The vendor response was real: on March 27, 2026, OpenClawd (the managed-hosting vendor) shipped automated skill vetting — static analysis plus behavioral testing before a skill activates — verified installer sourcing, and runtime sandboxing that auto-blocks skills flagged for network exfiltration, prompt injection, or credential exposure. Treat that as the floor, not the ceiling. Before your planner gets autonomy: run the latest patched version, don’t expose the instance to the internet, vet every skill as if the audit numbers were current, and isolate the runtime from your real credentials. The step-by-step version is our OpenClaw hardening guide — read it before the first unattended run, not after. To be fair to both sides of the table: these incidents are OpenClaw/ClawHub-specific; Hermes has its own agentskills.io skill ecosystem, which was not documented as compromised in the sources we reviewed.

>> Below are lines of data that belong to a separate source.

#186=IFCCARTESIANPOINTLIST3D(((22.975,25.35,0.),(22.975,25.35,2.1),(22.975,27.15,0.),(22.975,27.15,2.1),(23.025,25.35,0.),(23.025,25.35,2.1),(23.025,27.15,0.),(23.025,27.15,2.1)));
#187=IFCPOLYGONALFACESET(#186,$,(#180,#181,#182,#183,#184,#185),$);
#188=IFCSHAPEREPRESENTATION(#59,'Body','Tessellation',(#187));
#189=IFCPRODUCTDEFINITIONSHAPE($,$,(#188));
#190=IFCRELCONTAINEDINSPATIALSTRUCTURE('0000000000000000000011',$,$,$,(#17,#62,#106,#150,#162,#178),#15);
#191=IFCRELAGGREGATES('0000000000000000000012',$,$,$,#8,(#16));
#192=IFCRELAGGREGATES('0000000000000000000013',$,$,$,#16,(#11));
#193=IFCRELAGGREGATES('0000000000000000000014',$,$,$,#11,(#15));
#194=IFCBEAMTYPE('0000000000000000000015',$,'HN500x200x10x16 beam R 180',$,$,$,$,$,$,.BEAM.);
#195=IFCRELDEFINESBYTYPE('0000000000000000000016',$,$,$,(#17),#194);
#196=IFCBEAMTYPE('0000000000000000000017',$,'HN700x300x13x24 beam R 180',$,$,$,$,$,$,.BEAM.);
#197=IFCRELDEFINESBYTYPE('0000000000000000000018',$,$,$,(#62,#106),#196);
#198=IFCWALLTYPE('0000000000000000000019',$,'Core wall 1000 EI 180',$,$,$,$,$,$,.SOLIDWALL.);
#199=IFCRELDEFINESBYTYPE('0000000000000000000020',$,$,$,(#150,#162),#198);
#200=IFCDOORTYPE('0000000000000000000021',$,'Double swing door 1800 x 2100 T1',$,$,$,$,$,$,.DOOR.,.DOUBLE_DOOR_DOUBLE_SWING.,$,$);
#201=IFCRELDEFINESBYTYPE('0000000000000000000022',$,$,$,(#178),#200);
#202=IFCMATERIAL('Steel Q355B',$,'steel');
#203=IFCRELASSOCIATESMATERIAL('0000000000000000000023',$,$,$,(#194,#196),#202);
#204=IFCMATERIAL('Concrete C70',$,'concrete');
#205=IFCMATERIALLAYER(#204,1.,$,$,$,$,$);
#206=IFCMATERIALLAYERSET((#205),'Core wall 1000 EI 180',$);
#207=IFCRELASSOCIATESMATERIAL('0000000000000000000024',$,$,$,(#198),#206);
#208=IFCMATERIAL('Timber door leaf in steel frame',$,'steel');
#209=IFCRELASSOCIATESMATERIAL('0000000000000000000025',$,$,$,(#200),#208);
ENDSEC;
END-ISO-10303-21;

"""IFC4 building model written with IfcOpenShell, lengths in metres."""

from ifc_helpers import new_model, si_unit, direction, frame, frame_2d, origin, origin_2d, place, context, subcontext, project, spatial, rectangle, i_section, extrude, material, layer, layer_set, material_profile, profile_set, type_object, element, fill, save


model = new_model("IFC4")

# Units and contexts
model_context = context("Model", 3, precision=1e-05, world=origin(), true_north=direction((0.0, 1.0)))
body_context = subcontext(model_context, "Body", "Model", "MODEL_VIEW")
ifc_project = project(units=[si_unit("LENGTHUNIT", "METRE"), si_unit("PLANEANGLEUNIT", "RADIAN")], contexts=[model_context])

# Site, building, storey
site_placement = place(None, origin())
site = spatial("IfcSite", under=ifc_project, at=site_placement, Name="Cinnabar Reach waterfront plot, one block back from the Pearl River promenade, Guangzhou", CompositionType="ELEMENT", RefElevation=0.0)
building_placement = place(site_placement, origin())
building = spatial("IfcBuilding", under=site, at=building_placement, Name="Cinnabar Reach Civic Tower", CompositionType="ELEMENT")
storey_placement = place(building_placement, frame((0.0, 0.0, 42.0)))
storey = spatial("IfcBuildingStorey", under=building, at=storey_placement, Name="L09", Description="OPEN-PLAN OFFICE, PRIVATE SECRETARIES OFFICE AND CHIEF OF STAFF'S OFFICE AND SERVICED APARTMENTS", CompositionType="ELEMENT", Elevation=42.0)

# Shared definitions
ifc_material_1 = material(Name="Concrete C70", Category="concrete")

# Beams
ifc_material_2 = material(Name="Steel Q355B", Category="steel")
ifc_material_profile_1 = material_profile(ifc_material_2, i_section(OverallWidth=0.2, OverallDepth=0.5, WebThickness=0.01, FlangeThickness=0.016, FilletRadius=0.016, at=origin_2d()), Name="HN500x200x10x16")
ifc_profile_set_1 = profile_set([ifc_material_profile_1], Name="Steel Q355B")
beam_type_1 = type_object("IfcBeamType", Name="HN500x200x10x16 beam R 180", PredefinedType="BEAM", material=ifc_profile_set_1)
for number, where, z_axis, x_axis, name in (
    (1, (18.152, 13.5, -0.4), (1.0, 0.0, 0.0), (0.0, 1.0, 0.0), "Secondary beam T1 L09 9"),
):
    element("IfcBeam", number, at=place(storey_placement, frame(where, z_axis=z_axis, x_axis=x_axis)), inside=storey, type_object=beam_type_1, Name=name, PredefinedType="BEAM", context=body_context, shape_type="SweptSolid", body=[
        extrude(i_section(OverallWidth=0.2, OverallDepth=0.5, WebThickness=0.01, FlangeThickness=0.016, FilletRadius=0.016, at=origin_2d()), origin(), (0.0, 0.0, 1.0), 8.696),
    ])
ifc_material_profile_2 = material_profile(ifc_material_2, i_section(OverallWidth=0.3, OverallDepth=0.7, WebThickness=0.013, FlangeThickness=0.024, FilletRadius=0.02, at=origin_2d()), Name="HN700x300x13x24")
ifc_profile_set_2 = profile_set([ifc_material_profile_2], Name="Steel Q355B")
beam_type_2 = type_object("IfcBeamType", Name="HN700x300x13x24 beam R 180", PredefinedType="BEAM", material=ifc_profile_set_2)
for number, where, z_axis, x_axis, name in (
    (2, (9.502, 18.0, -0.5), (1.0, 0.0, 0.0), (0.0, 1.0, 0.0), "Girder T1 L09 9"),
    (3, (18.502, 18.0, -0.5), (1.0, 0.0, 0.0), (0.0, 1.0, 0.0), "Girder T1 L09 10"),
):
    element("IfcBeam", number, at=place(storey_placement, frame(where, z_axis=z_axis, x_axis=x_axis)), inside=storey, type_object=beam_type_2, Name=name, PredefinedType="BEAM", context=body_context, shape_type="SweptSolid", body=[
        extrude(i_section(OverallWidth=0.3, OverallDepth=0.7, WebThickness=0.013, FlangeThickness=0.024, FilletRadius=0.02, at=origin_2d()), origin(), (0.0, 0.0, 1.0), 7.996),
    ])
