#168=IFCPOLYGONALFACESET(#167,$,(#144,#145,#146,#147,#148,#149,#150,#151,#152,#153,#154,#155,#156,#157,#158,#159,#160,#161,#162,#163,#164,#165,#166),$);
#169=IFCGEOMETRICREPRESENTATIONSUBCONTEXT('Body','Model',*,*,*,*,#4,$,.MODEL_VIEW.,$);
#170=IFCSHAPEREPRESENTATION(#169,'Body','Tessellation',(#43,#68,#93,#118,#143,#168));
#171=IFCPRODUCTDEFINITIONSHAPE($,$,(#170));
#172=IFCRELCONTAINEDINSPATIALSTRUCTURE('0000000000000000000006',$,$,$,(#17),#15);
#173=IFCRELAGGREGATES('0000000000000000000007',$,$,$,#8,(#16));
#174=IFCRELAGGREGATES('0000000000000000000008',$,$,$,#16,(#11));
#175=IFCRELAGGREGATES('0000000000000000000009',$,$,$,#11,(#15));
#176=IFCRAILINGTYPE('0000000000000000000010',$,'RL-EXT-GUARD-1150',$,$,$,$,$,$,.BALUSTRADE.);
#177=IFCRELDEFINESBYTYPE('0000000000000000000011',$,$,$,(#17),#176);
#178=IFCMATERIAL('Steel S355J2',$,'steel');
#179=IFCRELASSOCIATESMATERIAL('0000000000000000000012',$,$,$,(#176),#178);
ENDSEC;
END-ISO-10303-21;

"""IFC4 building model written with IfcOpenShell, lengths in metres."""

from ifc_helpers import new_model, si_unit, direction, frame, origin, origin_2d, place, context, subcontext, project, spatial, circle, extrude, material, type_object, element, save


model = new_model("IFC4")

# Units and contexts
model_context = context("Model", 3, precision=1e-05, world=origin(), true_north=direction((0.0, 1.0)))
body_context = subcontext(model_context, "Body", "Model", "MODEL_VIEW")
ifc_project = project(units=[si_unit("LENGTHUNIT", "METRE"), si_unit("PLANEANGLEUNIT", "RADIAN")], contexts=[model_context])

"By default the agent runs as your user with access to your home directory, SSH keys, and any cloud credentials on the box. Prompt injection from a fetched web page or a file in the repo can turn a benign task into `rm -rf` or a key exfiltration attempt. Isolation is not optional for an autonomous agent."— Lushbinary editorial team, Claude Fable 5 + Hermes Agent Setup Guide
09 — ConclusionOne config key between you and a halved agent bill.

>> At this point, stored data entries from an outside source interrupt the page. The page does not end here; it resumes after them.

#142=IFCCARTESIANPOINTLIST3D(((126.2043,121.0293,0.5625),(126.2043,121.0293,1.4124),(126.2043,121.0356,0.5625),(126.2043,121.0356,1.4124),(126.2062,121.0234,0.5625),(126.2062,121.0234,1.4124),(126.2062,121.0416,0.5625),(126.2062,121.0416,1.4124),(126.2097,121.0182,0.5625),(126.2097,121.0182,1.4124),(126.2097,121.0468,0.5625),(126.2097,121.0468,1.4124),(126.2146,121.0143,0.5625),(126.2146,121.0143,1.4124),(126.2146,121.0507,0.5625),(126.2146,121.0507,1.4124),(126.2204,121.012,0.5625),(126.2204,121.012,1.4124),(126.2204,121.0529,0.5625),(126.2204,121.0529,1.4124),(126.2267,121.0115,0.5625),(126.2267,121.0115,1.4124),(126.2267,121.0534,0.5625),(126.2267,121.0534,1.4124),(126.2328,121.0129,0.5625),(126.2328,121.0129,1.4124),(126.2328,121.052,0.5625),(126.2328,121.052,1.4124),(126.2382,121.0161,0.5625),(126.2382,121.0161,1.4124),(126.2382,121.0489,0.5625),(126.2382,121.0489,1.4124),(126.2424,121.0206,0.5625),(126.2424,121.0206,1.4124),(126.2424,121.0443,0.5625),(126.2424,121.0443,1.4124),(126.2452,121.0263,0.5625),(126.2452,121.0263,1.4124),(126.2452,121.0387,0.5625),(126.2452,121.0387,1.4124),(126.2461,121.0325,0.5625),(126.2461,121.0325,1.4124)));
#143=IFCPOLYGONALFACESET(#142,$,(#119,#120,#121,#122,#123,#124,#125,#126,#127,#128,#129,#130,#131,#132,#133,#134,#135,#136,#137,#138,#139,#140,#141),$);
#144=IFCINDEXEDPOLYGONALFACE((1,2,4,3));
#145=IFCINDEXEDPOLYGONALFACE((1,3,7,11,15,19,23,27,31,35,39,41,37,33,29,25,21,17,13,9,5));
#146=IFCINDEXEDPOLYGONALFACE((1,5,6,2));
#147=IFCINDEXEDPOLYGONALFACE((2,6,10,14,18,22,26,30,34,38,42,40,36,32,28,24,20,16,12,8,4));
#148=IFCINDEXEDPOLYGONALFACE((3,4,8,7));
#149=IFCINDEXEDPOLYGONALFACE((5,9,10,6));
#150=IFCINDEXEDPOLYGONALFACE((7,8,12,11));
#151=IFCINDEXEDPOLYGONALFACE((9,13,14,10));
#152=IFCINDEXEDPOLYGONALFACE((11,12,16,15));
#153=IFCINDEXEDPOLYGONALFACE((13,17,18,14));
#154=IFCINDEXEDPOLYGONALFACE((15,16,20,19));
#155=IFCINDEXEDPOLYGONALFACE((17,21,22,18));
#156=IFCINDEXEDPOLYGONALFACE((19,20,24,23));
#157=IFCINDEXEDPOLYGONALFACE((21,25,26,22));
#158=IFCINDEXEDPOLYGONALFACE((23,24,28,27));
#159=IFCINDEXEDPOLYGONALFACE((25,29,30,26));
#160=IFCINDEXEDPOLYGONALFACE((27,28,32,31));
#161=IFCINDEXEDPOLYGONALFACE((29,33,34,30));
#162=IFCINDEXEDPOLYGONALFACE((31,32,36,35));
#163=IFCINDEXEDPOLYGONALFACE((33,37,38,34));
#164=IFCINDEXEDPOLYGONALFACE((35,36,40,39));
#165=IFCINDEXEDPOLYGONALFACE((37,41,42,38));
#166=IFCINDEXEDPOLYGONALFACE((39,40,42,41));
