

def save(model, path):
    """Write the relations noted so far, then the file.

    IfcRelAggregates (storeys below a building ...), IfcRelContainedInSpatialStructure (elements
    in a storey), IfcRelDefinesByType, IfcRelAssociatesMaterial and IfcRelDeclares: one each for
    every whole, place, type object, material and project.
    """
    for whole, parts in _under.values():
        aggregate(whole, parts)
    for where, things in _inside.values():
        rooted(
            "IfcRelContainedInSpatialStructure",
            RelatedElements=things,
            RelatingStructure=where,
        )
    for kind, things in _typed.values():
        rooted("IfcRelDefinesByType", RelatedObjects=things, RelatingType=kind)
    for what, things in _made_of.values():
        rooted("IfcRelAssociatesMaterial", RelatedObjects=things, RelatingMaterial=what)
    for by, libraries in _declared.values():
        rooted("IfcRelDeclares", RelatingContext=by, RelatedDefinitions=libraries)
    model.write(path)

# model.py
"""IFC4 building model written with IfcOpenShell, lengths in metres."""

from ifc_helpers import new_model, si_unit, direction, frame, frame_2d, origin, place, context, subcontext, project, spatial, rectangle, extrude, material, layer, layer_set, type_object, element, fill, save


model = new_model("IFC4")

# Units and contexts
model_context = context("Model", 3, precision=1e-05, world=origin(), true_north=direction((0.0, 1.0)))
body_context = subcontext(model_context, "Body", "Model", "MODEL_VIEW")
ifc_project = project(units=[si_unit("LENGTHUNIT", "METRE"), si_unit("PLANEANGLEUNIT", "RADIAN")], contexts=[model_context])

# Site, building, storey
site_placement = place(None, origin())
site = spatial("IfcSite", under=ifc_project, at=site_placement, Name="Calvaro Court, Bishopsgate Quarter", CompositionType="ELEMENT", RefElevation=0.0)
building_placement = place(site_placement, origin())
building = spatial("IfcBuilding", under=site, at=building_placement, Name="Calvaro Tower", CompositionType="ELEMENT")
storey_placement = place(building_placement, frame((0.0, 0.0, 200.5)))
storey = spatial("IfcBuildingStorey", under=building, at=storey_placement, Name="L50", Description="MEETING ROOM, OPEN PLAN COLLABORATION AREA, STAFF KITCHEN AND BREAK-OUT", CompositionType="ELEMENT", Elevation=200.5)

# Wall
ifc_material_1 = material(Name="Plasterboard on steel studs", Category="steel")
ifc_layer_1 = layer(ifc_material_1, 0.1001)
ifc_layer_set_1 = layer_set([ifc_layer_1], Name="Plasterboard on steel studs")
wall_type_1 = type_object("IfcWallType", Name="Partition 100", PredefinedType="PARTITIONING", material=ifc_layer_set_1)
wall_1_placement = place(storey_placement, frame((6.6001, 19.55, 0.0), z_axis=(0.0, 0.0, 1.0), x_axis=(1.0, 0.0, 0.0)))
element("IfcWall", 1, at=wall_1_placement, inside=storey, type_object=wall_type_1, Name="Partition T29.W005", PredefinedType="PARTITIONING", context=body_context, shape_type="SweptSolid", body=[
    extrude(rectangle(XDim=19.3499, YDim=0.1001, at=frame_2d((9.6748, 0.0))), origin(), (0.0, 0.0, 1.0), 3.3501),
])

Put the expensive model where judgment lives, and meter everything else.
The pattern is small enough to ship this afternoon. In Hermes: primary model claude-fable-5, cost and outage routing via fallback_provider, and let the memory and skills layers turn each expensive plan into a reusable asset. In OpenClaw: model.primary for the brain, agents.defaults.subagents.model for the hands, and heartbeat.model so background pings never touch the metered model.
The math holds at any scale that matters: the same task at $4.50 on Fable 5 or $2.25 on Opus 4.8, with caching pulling the cached input share down by 90% — and the planner split shrinking the expensive model’s footprint to the plan and the review pass. With included usage ending July 7 and metering starting July 8, the teams that set this split now will barely notice the cliff; everyone else finds out from an invoice.
And the order of operations is non-negotiable: harden first, autonomy second. A marketplace that measured ~12% malicious, a CVSS 8.8 one-click RCE, and 30,000+ exposed instances are not reasons to skip the pattern — they’re reasons to treat isolation and skill vetting as step zero of it. The planner brain is only as trustworthy as the body you give it.